Partendo proprio dalla nostra città, non più tardi dell’anno scorso è stato avvistato, nei pressi di Portovenere, un particolare Pesce Luna che, a prima vista, potrebbe essere scambiato per uno squalo per via della sua pinna che emerge in superficie quando nuota.
Questo è solito nuotare in mare aperto, anche se non è nuovo aggirarsi anche nelle coste australiane e sudafricane.


Non sono nuovi neanche gli avvistamenti di orche, specialmente nei pressi della costa genovese dove alcuni esemplari si sono lasciati fotografare mentre “visitavano” il Porto di Prà.
Questi enormi animali possono raggiungere i nove metri di lunghezza e un peso di quattro tonnellate; la buona notizia è che malgrado la stazza non sono assolutamente pericolose per l’uomo.

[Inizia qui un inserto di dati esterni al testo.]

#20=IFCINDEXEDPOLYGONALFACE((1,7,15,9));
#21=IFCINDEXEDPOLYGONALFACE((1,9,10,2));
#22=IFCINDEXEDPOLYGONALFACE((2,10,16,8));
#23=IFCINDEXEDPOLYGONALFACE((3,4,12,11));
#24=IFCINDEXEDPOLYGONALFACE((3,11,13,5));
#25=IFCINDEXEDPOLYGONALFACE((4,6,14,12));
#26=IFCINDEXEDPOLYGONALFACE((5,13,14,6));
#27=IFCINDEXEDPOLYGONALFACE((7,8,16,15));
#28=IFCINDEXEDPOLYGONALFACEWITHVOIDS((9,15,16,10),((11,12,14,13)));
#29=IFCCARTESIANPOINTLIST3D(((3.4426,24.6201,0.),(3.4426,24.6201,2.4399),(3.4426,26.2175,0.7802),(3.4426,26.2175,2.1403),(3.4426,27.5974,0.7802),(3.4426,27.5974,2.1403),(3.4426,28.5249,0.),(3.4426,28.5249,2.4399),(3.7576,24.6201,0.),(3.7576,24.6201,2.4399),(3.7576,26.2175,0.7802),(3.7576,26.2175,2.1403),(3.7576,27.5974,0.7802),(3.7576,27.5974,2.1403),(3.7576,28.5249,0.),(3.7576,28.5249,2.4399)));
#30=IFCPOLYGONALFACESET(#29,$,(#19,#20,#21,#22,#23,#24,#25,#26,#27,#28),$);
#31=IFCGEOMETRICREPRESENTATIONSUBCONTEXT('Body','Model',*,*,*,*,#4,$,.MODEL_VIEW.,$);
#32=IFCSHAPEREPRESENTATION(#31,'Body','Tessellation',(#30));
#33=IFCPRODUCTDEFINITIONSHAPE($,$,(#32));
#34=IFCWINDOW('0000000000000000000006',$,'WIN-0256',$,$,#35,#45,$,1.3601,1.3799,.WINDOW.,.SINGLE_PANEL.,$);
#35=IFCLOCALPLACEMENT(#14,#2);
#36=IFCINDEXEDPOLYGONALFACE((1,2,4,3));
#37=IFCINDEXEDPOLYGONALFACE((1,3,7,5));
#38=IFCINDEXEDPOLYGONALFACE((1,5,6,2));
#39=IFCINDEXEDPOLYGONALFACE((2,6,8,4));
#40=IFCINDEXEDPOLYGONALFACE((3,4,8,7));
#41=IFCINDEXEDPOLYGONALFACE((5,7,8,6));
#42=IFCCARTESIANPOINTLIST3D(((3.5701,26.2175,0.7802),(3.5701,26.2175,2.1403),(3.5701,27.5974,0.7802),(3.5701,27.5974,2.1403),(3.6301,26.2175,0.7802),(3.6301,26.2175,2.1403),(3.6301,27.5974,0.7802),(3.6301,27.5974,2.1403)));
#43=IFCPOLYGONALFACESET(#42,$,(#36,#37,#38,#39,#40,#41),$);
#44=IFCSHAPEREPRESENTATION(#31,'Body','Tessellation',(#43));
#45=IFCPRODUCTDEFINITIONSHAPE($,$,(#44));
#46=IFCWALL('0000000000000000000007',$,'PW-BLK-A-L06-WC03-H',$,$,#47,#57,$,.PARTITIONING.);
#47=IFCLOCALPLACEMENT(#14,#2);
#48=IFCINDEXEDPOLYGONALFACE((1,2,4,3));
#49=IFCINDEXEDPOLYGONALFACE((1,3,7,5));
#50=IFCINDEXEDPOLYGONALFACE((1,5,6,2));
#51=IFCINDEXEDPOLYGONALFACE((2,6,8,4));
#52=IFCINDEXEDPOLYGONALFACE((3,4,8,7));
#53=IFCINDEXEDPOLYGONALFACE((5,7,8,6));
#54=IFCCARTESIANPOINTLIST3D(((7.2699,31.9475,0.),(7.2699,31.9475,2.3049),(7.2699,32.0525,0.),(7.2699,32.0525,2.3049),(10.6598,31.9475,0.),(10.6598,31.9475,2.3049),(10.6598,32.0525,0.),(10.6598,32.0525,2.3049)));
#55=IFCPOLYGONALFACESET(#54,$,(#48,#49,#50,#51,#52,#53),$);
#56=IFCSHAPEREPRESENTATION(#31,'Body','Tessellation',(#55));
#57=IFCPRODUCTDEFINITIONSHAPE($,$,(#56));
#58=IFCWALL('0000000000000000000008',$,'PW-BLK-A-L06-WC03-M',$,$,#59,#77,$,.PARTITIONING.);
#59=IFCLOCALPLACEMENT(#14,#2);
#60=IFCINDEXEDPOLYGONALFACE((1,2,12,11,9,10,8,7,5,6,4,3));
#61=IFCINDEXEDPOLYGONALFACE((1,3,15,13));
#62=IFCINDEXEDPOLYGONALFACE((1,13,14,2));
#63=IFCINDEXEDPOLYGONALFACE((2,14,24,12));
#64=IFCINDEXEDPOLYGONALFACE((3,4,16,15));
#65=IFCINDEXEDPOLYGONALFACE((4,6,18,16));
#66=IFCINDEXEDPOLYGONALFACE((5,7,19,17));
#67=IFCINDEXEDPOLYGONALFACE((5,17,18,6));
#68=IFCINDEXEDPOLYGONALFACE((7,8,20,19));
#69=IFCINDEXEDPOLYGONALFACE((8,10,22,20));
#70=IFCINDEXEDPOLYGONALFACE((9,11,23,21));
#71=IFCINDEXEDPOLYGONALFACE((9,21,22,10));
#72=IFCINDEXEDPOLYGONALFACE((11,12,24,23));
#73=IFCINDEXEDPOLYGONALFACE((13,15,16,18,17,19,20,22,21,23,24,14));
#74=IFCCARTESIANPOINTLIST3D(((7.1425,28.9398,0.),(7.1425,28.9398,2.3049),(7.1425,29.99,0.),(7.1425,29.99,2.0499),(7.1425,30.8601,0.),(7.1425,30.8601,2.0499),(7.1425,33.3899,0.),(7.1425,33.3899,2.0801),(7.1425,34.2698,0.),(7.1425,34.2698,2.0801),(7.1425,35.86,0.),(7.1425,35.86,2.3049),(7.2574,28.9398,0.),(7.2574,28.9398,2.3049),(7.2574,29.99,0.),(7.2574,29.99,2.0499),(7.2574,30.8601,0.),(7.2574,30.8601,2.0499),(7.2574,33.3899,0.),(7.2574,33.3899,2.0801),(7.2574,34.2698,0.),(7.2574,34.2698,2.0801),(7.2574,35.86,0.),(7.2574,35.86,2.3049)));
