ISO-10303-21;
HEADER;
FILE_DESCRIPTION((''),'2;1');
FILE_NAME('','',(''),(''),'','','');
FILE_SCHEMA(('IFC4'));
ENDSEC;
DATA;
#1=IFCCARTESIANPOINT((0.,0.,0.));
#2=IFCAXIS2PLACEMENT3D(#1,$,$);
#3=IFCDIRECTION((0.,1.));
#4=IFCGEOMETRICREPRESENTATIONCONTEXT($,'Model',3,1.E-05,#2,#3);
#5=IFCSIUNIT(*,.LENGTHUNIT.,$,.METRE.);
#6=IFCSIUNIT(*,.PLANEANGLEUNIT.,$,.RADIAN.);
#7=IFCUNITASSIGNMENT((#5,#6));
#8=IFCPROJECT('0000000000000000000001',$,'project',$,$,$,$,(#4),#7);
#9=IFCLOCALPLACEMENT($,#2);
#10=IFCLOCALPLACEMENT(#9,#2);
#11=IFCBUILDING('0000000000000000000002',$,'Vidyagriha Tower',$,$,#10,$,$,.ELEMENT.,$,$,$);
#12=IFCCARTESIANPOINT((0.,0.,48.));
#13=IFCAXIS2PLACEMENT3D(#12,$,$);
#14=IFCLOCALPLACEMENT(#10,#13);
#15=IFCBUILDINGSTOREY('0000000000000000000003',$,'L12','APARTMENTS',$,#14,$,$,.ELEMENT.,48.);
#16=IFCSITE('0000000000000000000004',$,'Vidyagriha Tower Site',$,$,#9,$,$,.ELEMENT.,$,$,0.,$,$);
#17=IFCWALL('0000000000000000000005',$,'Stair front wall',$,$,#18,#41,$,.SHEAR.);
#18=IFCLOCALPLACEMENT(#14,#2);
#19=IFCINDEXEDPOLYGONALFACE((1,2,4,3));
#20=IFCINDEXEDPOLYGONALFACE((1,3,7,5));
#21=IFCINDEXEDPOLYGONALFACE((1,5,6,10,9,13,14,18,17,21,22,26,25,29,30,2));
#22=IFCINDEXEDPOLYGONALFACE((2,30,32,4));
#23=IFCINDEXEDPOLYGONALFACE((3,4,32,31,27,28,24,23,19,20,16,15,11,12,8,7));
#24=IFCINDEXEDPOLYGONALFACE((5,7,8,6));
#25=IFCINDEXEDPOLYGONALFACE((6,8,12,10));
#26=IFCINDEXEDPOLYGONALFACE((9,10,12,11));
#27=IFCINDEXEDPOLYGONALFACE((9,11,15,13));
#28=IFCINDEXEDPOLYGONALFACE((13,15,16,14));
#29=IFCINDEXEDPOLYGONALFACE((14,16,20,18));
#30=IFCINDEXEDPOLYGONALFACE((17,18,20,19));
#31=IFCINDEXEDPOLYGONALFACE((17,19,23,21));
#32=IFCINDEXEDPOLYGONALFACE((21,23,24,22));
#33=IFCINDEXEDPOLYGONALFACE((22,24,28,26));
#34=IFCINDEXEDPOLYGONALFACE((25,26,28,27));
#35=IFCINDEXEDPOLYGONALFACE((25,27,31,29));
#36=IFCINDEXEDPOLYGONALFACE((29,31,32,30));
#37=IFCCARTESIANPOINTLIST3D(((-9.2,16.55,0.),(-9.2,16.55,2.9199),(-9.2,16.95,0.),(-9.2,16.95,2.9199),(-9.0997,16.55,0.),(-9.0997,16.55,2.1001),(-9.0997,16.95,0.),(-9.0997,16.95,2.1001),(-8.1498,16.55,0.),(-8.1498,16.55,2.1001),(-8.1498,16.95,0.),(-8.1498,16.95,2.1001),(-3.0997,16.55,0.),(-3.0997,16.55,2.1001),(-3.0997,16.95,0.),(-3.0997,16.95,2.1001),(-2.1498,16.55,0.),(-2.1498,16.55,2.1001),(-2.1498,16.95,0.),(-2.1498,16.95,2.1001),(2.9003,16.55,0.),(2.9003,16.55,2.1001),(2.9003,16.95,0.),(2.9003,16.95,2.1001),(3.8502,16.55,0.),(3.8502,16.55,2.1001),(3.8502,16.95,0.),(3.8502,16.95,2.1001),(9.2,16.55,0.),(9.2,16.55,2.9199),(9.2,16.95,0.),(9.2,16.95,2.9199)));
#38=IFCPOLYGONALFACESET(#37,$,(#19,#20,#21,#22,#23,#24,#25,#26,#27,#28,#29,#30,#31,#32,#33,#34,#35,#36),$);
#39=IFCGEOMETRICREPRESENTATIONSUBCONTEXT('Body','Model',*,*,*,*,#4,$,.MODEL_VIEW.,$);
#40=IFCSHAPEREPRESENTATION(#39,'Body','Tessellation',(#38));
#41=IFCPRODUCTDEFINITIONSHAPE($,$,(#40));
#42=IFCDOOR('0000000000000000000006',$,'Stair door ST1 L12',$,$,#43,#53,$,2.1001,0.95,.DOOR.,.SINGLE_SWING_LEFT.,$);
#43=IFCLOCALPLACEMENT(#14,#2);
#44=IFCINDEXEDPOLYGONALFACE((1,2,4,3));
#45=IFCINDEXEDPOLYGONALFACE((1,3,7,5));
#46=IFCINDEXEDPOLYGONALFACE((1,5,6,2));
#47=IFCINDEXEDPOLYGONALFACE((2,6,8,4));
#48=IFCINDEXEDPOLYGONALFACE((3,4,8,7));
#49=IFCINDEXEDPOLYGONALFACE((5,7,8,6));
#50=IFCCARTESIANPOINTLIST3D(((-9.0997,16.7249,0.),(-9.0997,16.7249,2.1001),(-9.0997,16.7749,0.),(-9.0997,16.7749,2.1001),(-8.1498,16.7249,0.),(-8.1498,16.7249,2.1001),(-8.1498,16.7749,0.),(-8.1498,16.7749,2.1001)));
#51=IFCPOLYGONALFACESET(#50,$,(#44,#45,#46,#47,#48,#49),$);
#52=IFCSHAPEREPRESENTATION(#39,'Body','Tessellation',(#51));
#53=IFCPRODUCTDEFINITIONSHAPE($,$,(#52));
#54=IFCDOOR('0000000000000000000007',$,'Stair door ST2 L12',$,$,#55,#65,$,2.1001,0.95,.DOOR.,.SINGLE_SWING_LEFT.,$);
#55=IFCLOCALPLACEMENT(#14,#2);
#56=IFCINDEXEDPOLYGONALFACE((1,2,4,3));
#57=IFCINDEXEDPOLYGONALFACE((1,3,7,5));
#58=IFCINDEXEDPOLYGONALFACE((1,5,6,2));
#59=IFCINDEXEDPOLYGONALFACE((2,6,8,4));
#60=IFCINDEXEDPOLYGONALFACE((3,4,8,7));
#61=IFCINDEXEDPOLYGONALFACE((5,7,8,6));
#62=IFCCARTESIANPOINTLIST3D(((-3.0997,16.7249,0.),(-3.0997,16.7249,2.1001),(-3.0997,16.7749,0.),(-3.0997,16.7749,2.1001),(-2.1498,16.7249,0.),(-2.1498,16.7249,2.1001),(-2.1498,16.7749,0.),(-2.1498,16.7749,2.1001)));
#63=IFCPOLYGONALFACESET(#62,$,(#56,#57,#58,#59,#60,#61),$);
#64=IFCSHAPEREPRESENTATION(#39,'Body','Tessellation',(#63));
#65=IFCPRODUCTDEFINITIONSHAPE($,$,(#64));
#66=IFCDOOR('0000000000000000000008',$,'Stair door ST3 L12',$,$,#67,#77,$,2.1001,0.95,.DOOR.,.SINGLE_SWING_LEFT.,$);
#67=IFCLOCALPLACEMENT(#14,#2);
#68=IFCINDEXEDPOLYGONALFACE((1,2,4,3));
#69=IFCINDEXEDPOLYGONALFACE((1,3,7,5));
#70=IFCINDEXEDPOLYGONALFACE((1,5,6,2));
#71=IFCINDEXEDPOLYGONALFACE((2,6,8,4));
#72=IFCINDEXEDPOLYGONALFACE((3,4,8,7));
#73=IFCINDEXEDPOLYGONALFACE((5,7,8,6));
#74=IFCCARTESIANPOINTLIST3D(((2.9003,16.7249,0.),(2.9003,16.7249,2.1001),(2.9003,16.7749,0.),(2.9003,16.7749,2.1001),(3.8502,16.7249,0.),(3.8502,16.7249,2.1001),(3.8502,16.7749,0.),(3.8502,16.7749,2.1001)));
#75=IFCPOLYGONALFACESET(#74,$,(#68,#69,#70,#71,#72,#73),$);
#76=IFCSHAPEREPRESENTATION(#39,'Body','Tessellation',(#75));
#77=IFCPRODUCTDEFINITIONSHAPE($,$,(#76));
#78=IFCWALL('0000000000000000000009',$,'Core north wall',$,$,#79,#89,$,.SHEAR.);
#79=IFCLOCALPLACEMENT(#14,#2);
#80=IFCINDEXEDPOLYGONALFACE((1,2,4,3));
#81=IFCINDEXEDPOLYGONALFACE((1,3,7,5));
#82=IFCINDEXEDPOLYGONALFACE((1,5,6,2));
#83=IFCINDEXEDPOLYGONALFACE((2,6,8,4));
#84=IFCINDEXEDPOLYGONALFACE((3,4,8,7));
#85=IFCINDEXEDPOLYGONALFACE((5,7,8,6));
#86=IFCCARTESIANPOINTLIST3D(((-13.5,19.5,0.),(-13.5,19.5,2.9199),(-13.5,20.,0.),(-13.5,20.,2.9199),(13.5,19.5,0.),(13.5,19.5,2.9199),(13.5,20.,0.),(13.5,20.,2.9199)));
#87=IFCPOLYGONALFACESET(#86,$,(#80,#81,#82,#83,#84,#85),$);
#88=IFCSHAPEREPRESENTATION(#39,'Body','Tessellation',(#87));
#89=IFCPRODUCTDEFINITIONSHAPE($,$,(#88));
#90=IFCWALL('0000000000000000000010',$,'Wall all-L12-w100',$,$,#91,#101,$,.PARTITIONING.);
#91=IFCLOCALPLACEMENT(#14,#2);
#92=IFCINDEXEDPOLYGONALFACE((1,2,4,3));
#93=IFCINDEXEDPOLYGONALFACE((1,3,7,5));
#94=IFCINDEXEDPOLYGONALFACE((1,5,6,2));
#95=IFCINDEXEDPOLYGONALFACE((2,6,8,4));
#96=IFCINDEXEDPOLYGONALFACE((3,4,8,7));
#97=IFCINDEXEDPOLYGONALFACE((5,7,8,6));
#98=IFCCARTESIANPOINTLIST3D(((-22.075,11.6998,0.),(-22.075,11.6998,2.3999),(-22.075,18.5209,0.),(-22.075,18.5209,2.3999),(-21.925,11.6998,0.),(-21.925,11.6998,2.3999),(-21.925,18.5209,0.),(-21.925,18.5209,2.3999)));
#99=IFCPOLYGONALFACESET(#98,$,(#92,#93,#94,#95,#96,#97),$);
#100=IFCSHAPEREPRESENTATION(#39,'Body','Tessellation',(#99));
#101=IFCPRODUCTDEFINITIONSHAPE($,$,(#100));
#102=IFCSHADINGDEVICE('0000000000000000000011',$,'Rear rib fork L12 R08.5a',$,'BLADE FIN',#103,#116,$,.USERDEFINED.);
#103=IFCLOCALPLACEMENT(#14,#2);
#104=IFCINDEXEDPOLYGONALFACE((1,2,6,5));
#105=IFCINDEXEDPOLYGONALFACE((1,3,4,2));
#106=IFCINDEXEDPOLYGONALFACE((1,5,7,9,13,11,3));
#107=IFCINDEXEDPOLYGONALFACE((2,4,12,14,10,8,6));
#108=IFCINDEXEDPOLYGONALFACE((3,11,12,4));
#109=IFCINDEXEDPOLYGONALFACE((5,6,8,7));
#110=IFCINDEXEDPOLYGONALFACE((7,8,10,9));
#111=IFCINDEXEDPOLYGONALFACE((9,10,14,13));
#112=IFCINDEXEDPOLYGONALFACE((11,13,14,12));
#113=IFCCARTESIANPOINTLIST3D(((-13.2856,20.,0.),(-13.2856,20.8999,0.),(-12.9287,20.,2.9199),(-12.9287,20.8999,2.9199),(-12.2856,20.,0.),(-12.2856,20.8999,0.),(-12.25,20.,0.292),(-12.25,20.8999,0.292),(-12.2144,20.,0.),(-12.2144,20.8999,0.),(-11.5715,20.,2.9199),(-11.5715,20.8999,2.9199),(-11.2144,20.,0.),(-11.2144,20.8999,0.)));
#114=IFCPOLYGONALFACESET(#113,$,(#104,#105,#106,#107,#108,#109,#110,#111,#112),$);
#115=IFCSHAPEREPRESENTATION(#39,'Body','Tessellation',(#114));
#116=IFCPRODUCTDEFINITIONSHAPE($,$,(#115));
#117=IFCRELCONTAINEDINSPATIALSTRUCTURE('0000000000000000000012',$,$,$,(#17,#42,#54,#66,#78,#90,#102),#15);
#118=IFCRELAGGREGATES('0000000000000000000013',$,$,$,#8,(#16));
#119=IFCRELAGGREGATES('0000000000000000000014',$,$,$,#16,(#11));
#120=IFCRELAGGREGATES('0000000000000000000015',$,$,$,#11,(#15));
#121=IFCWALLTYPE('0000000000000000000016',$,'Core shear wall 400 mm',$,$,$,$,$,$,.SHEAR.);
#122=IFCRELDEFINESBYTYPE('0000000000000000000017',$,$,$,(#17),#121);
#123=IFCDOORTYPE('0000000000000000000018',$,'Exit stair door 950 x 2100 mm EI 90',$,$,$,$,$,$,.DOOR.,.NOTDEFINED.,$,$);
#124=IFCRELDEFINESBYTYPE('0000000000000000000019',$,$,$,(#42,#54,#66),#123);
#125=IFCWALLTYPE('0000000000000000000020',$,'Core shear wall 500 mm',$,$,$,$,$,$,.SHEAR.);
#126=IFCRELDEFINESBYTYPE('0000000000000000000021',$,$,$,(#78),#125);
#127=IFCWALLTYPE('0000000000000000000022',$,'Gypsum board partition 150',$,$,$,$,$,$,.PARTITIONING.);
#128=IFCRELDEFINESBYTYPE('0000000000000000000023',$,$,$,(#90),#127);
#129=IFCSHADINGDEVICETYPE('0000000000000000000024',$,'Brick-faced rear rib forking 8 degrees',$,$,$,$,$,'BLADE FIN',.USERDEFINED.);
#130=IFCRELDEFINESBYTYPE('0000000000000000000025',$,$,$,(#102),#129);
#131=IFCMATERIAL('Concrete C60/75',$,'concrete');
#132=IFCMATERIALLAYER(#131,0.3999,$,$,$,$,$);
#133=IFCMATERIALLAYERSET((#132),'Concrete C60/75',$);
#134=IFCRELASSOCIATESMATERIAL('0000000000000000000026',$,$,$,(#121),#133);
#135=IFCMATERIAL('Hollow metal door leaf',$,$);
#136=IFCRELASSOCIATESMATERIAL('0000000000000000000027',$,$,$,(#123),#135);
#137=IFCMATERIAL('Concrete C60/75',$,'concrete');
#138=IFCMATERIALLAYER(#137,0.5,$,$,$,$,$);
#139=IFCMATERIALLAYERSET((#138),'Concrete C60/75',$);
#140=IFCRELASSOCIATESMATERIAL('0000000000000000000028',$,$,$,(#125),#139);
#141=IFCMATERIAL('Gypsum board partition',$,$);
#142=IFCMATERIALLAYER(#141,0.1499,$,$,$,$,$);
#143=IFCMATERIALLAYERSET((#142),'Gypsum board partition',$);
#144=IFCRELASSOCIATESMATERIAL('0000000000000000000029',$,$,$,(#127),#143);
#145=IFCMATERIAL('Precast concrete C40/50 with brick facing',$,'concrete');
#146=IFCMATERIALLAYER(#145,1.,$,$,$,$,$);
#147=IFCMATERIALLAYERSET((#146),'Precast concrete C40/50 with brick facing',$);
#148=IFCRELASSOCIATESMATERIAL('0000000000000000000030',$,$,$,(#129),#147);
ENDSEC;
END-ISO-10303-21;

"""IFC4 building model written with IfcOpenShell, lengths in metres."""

from ifc_helpers import new_model, si_unit, direction, frame, frame_2d, origin, place, context, subcontext, project, spatial, polyline, rectangle, outline, extrude, material, layer, layer_set, type_object, element, fill, save


model = new_model("IFC4")

# Units and contexts
model_context = context("Model", 3, precision=1e-05, world=origin(), true_north=direction((0.0, 1.0)))
body_context = subcontext(model_context, "Body", "Model", "MODEL_VIEW")
ifc_project = project(units=[si_unit("LENGTHUNIT", "METRE"), si_unit("PLANEANGLEUNIT", "RADIAN")], contexts=[model_context])

# Site, building, storey
site_placement = place(None, origin())
site = spatial("IfcSite", under=ifc_project, at=site_placement, Name="Vidyagriha Tower Site", CompositionType="ELEMENT", RefElevation=0.0)
building_placement = place(site_placement, origin())
building = spatial("IfcBuilding", under=site, at=building_placement, Name="Vidyagriha Tower", CompositionType="ELEMENT")
storey_placement = place(building_placement, frame((0.0, 0.0, 48.0)))
storey = spatial("IfcBuildingStorey", under=building, at=storey_placement, Name="L12", Description="APARTMENTS", CompositionType="ELEMENT", Elevation=48.0)

# Wall, openings, doors
ifc_material_1 = material(Name="Concrete C60/75", Category="concrete")
ifc_layer_1 = layer(ifc_material_1, 0.3999)
ifc_layer_set_1 = layer_set([ifc_layer_1], Name="Concrete C60/75")
wall_type_1 = type_object("IfcWallType", Name="Core shear wall 400 mm", PredefinedType="SHEAR", material=ifc_layer_set_1)
wall_1_placement = place(storey_placement, frame((-9.2, 16.75, 0.0)))
wall_1 = element("IfcWall", 1, at=wall_1_placement, inside=storey, type_object=wall_type_1, Name="Stair front wall", PredefinedType="SHEAR", context=body_context, shape_type="SweptSolid", body=[
    extrude(rectangle(XDim=18.3999, YDim=0.3999, at=frame_2d((9.2, 0.0))), origin(), (0.0, 0.0, 1.0), 2.9199),
])
opening_1_placement = place(wall_1_placement, frame((0.1001, 0.0, 0.0)))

Tornando alla Spezia, più precisamente all’Isola Palmaria, l’estate del 2019 è stata segnata da attimi di panico per i bagnanti che, alla vista di uno squalo, si sono precipitati fuori dall’acqua. L’esemplare in questione era uno squalo verdesca di piccole dimensioni (poco più di un metro) che ha subito abbandonato la zona costiera per dirigersi in acque più’ profonde.
Le sue dimensioni possono arrivare a 3,5 metri per tre quintali di peso ma è raro (ma non impossibile) che rappresentino un pericolo per l’uomo non essendo aggressivo ma piuttosto docile.


Sanremo e Bordighera, invece, sono state teatro di avvistamenti di capodogli, per l’esattezza 24 esemplari che nuotavano indisturbati al largo della costa del ponente.
Grande emozione per l’equipaggio a bordo della Pelagos, un gruppo di ricercatori che monitora balene e delfini con la guardia costiera.
Questo cetaceo è in grado di raggiungere i 18 metri di lunghezza ed un peso di 45 tonnellate, rappresentando uno dei più grandi animali acquatici.


Sempre più frequenti sono le segnalazioni della presenza di delfini, mammiferi che apprezzano particolarmente la presenza dell’uomo, molto spesso “giocando” con i bagnanti che hanno la fortuna di avere un incontro ravvicinato.
Il canale di Portovenere riceve spesso questa gradita visita consentendo alle imbarcazioni di passaggio di condividere questo momento sui loro social.


Meno gradito è l’incontro con la Caravella Portoghese, un celenterato marino che a primo impatto può sembrare una medusa ma non la è, anche se hanno molte similitudini.
Può andare dai 9 ai 30 cm di lunghezza e 15 d’altezza ma la vera caratteristica peculiare è l’estensione dei suoi tentacoli, arrivando fino a 20 metri, un vero e proprio record; sono proprio questi ad essere pericolosi essendo fortemente velenosi ed urticanti, provocando un forte dolore o piaghe sulla pelle.
L’ultimo avvistamento è avvenuto nella zona di Chiavari quest’estate.